Agathe Mélinand travaille d’abord pour le cinéma, la presse et la musique classique. Au CDNA-Grenoble, elle a participé à la plupart des spectacles de Laurent Pelly. Elle a adapté et traduit En Caravane d’Élizabeth von Arnim, Des héros et des dieux – Hymnes homériques, Et Vian ! En avant la zique ! La Vie en roses ou Le Bonheur à 17 francs 80, For ever Stendhal, Les Aventures d’Alice au pays des merveilles de Lewis Carroll…

Codirectrice avec Laurent Pelly du Théâtre national de Toulouse, elle traduit Le Menteur de Carlo Goldoni, écrit Cami, la vie drôle !, conçoit avec Laurent Pelly Natalie Dessay chante Michel Legrand, écrit Les Aventures de Sindbad le Marin. Elle met également en scène Les Mensonges de Jean-François Zygel, écrit et met en scène Monsieur le 6, d’après le marquis de Sade, adapte et réalise Tennessee Williams – Short Stories, écrit et réalise Erik Satie – Mémoires d’un amnésique.

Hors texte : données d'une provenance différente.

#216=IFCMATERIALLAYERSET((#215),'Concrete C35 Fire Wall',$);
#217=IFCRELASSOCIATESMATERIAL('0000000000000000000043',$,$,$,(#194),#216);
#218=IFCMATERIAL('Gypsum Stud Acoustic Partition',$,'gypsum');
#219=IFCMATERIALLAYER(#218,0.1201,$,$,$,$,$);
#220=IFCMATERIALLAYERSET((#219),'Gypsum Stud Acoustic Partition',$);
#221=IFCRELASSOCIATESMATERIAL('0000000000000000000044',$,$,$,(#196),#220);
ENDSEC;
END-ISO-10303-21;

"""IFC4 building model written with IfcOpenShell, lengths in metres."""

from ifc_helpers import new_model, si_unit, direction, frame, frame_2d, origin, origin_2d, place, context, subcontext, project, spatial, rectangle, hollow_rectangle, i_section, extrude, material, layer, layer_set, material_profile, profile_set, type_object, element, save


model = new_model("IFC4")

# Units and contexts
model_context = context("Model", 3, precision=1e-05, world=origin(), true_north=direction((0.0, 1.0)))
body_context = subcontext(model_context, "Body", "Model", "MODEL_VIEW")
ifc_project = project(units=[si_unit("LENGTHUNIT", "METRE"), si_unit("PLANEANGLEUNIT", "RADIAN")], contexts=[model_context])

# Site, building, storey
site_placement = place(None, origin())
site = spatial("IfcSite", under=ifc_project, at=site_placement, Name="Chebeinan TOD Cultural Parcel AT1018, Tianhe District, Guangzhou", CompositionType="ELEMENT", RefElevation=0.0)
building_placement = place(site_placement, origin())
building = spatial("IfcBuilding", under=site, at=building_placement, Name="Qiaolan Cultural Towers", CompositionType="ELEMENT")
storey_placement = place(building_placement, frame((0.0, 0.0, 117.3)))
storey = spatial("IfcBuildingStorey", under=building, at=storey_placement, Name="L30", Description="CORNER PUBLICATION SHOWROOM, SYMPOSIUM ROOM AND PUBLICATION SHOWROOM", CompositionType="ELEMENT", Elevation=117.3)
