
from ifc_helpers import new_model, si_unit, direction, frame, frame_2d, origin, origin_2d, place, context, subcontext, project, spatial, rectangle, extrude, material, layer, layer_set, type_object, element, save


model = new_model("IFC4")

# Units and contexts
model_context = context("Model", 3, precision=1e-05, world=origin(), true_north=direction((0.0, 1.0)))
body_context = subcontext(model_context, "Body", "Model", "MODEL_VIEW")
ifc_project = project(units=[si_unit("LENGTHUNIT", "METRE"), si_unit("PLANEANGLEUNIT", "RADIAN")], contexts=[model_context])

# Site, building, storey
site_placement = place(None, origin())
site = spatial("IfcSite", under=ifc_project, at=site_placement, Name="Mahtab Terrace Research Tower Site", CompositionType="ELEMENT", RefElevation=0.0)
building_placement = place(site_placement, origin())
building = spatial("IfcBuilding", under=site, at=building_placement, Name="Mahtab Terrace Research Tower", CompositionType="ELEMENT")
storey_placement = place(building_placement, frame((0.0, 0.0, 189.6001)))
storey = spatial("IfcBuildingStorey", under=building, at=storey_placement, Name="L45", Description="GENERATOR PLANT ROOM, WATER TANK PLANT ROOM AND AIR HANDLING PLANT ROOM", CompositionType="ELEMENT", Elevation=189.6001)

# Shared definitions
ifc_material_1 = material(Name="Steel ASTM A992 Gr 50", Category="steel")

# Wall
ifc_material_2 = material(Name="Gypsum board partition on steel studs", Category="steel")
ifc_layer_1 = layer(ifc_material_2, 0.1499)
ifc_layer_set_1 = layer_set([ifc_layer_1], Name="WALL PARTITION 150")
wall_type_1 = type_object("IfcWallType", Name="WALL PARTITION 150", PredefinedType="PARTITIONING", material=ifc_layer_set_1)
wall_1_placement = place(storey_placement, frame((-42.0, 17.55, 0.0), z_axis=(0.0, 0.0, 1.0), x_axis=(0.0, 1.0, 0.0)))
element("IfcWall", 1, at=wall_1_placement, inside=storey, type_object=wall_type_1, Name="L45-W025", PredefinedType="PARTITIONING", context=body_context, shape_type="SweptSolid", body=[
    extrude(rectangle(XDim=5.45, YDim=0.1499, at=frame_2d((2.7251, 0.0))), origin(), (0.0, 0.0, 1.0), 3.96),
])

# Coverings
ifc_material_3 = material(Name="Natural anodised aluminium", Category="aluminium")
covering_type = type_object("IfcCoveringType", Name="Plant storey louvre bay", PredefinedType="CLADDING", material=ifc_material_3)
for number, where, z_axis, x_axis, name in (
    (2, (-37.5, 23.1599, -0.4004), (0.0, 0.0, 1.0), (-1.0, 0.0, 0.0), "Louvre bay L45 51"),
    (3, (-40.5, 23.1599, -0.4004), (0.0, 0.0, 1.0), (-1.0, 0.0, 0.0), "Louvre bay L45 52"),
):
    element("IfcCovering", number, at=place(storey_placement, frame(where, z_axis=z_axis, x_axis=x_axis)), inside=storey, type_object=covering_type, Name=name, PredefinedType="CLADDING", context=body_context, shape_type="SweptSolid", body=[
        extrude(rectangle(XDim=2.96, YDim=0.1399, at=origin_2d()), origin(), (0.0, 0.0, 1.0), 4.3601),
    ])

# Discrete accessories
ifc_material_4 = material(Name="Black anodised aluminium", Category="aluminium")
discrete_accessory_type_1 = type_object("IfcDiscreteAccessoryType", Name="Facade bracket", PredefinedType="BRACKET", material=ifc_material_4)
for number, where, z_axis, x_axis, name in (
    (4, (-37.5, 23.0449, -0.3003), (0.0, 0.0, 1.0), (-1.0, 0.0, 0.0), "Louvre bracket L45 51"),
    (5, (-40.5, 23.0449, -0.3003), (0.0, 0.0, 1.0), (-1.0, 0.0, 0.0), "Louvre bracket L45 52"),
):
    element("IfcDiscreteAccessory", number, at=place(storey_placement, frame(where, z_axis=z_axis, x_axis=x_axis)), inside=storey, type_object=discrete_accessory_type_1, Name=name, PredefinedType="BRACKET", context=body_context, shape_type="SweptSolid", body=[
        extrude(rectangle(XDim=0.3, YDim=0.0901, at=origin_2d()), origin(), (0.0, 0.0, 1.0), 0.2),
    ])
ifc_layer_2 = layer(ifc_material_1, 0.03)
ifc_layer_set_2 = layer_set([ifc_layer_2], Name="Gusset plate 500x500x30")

À l’opéra, pour Laurent Pelly, elle a adapté treize opéras de Jacques Offenbach dont La Belle Hélène, La Grande-Duchesse de Gerolstein, Les Contes d’Hoffmann, La Vie parisienne, Le Roi Carotte. Elle a établi un nouveau livret du Roi malgré lui d’Emmanuel Chabrier et écrit de nouveaux dialogues pour La Fille du régiment de Gaetano Donizetti. Elle a aussi adapté les dialogues de L’Étoile de Chabrier et de Béatrice et Bénédict de Berlioz.

En 2016, elle traduit Les Oiseaux d’Aristophane, mis en scène par Laurent Pelly. En 2017, elle met en scène son adaptation, Enfance et adolescence de Jean Santeuil de Marcel Proust.